Reputation: 1554
In my database I get the error
com.mysql.jdbc.MysqlDataTruncation: Data truncation: Data too long for column
I use Java and MySQL 5. As I know 4-byte Unicode is legal i Java, but illegal in MySQL 5, I think that it can cause my problem and I want to check type of my data, so here's my question: How can i check that my UTF-8 data is 3-byte or 4-byte Unicode?
Upvotes: 8
Views: 12855
Reputation: 140236
If you do not want to support beyond BMP, you can just strip those characters before handing it to MySQL:
public static String withNonBmpStripped( String input ) {
if( input == null ) throw new IllegalArgumentException("input");
return input.replaceAll("[^\\u0000-\\uFFFF]", "");
}
If you want to support beyond BMP, you need MySQL 5.5+ and you need to change everything that's utf8
to utf8mb4
(collations, charsets ...). But you also need the support for this in the driver that I am
not familiar with. Handling these characters in Java is also a pain because they are spread over 2 chars
and thus need special handling in many operations.
Upvotes: 10
Reputation: 626
Best approach to strip non-BMP charactres in java that I found is the following:
inputString.replaceAll("[^\\u0000-\\uFFFF]", "\uFFFD");
Upvotes: 6
Reputation: 1502786
UTF-8 encodes everything in the basic multilingual plane (i.e. U+0000 to U+FFFF inclusive) in 1-3 bytes. Therefore, you just need to check whether everything in your string is in the BMP.
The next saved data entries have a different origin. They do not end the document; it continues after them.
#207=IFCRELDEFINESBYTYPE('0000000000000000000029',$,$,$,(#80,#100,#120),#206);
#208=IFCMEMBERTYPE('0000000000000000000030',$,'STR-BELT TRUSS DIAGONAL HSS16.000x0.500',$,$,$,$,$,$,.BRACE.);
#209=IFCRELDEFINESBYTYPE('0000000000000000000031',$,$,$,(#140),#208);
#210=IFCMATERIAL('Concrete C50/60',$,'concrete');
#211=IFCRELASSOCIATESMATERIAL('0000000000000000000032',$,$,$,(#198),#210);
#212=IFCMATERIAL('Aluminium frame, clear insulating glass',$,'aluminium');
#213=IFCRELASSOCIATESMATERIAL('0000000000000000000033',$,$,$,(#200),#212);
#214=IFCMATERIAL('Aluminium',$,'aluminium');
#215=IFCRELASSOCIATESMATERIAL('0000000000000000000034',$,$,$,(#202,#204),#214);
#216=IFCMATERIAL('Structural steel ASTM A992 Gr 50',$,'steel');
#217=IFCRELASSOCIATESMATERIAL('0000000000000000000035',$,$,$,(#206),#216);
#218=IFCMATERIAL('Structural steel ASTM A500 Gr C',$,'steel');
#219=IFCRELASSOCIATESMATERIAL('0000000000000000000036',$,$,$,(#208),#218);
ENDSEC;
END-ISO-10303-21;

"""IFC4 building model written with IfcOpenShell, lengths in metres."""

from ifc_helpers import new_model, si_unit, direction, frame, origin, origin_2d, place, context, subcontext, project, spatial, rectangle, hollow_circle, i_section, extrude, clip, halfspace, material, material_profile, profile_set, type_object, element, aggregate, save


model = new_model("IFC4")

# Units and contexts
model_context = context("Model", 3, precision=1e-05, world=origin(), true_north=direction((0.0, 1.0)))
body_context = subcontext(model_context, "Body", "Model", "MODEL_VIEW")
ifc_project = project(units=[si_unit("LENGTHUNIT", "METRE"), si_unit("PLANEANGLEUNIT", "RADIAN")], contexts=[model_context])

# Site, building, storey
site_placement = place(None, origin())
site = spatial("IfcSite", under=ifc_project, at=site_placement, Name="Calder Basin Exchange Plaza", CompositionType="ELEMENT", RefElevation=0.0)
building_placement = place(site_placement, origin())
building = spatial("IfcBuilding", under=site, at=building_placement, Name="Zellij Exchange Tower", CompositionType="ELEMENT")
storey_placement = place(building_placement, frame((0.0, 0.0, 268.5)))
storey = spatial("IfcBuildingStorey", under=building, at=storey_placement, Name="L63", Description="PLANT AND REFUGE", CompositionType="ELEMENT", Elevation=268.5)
In Java, that means checking whether any char
(which is a UTF-16 code unit) is a high or low surrogate character, as Java will use surrogate pairs to encode non-BMP characters:
public static boolean isEntirelyInBasicMultilingualPlane(String text) {
for (int i = 0; i < text.length(); i++) {
if (Character.isSurrogate(text.charAt(i))) {
return false;
}
}
return true;
}
Upvotes: 18